Along with various unconfirmed reports, both cast members involved in the incident, Corinne Olympios and DeMario Jackson, have issued statements and hired legal counsel. Production on Bachelor in Paradise has also since halted. (Read all the BIP updates here.)
The imagery of sex is so prevalent on these shows that we barely think about the logistics, including how production supplies the liquor (and how much of it), and whether any rules against drinking are enforced. Think of Ruthie, for example, a cast member from MTV’s The Real World: Hawaii whose drinking during filming was so excessive that she ended up leaving the house to go to rehab.
It’s clearly even more complicated when sex is involved. Attorney Lisa Bloom—who represented several of Bill O’Reilly’s accusers and currently reps Kathy Griffin—tells Variety, “I think it would be very helpful on these shows to have a course of conduct like a lot of these colleges have, which is there has to be an explicit verbal ‘yes’ to each sexual act…I think that would be a good rule for reality shows to adopt—reality shows that profit mightily off of attractive young people getting drunk and hooking up on their shows.”
Before Bachelor in Paradise, there hadn’t been such a publicized incident related to sexual consent on set, though you might recall the sexual battery lawsuit against MTV involving a female cast member of The Challenge.
Bloom says, speaking on BIP:
“The second issue is if she’s sexually assaulted, that’s only the responsibility of the perpetrator. That is not her responsibility in any way, if she is the victim of sexual assault. Anybody who is aware of that happening has a moral responsibility to turn off the cameras and get her help. These cases are very difficult.”
A possible assumption is that anyone filming is responsible for their actions, so how much are the producers obligated to step in? What is legally in the cast members’ contracts?

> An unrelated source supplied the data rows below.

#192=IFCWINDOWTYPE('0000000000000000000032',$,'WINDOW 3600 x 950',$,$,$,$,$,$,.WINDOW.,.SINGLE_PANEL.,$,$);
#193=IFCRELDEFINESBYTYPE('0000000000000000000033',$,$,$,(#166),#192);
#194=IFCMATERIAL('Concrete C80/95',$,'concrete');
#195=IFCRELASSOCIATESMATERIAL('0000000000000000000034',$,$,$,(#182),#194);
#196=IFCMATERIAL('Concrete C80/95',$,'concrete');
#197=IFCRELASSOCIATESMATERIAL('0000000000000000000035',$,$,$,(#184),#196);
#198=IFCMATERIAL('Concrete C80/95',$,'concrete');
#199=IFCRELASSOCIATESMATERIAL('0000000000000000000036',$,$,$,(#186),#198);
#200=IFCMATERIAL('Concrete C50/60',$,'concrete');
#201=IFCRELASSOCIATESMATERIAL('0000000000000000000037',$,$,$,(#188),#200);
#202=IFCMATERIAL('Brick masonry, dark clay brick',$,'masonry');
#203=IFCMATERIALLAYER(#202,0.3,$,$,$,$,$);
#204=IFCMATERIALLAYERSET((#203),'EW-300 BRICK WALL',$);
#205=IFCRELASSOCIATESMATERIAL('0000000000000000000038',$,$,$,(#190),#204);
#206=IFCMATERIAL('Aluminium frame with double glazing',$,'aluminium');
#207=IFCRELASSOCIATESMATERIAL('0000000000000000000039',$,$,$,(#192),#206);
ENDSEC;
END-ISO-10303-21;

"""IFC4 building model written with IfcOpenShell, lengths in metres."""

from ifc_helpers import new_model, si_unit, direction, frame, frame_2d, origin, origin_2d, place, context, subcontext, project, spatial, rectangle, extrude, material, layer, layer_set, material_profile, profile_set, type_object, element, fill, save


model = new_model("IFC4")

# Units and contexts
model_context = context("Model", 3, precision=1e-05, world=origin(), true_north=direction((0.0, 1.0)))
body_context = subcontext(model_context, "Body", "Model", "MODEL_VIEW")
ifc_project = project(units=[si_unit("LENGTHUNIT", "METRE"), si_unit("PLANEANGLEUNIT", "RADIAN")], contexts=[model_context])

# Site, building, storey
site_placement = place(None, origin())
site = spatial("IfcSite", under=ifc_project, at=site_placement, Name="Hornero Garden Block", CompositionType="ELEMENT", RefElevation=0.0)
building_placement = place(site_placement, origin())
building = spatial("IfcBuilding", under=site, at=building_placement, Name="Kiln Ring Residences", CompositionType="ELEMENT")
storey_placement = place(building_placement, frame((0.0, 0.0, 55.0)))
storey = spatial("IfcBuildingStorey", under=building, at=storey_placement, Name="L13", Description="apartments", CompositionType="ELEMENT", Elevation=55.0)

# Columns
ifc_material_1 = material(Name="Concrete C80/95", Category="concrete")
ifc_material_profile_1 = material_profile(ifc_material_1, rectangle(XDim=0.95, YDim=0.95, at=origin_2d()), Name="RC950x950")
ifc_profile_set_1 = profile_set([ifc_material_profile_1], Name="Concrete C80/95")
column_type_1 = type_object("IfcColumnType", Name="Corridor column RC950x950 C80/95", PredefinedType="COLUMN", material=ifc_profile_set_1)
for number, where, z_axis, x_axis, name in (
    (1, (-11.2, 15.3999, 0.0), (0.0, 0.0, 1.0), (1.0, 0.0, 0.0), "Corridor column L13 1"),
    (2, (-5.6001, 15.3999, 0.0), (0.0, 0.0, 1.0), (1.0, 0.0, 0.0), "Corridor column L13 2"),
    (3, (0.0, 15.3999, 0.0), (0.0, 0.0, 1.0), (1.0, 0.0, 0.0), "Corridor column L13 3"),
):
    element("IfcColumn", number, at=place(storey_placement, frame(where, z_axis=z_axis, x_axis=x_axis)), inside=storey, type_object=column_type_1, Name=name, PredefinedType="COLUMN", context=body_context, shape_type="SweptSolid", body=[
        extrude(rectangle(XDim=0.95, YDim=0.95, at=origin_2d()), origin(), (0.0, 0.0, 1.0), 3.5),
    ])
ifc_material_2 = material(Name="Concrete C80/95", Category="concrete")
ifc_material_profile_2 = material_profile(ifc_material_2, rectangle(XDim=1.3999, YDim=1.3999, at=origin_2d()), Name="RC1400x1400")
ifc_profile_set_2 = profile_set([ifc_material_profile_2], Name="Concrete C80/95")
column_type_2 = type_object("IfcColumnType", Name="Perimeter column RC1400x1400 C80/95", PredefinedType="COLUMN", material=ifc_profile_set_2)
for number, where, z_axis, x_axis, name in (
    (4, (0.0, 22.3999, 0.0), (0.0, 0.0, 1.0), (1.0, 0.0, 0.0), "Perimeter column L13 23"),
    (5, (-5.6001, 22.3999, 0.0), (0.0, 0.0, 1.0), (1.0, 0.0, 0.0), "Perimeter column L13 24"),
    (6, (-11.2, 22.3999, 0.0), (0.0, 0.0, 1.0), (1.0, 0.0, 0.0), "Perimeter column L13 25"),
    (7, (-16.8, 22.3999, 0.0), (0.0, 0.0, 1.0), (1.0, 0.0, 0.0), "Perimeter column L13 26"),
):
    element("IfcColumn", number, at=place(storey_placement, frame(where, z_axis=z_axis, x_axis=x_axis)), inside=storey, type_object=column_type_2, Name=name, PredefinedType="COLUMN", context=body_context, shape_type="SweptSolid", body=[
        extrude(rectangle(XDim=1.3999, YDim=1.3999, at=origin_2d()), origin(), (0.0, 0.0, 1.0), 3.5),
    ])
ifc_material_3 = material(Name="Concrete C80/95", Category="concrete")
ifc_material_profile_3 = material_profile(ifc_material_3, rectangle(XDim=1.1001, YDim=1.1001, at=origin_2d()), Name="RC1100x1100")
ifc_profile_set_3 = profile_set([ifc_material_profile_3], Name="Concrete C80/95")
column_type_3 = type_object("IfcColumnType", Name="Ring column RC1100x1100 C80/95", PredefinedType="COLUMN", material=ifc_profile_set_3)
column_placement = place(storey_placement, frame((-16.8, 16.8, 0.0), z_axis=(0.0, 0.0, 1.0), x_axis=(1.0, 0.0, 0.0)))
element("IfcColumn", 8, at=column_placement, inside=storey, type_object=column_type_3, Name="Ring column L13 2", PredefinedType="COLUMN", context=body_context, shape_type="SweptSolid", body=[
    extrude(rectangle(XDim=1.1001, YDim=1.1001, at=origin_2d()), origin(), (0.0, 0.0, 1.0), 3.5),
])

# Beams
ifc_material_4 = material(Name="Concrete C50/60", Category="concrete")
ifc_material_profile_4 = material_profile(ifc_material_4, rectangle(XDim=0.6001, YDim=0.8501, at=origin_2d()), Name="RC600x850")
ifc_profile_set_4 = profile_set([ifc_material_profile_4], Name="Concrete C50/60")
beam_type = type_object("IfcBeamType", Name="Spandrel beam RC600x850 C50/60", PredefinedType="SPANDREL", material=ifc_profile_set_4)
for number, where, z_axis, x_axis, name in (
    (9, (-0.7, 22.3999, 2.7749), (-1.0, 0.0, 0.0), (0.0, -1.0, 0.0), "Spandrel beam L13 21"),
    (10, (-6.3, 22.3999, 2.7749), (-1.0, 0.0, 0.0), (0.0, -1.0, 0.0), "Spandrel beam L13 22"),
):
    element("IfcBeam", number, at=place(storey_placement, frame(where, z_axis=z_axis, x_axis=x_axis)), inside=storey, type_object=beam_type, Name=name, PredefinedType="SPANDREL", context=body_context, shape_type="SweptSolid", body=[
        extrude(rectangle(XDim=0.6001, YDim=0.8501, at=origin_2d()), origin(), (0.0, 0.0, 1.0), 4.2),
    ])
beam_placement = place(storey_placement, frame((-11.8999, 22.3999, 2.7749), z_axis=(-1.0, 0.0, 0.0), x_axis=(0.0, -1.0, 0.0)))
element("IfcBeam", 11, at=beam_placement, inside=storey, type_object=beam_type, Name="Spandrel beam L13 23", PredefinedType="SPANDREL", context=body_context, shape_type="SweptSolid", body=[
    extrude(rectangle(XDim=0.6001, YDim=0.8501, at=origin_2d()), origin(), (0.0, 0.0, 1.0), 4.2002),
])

“I’ve reviewed these reality show contracts and they are ridiculous — they are hundreds of hundreds of pages, and people sign away their right to claim, ‘I was drunk and I hooked up and now I’m embarrassed that’s on TV.’ They sign away their right to make that claim. [But] they don’t sign away their right to not be sexually assaulted. So that’s where I draw the line,” Bloom explains. “If they’re engaging in consensual behavior, the show gets to film that because that’s what they signed up for. But if they’re sexually assaulted, then they should come forward and they should come forward immediately because the time frames are short.”
In this Vulture essay titled “How Sex Is Orchestrated on Reality Shows Like Bachelor in Paradise,” a reality TV producer notes, “Television executives are overwhelmingly risk-averse, and the whiff of litigation can ruin a career, so we make sure that when we go into the field, we know the rules: no drunk driving, no drugs in front of kids, no nonconsensual sex. If we see that someone is moving toward nonconsensual sex, we step in, or better yet, encourage another cast member to step in, and capture the fallout on camera.” At the same time, he writes:
Reality producers very rarely interrupt good scenes. You’re much more likely to be dragged across the coals by an executive asking why you called cut than by one asking why you didn’t step in. Mistakes can be edited out, but drama can’t be recreated. That’s likely why, per reports, the producer who complained about Olympios and Jackson’s encounter didn’t step in and stop it while it was happening. During filming, producers are hyperfocused on two questions: Is this good TV, and how can I make it better? Only after the fact do they consider what happened from a moral and legal perspective.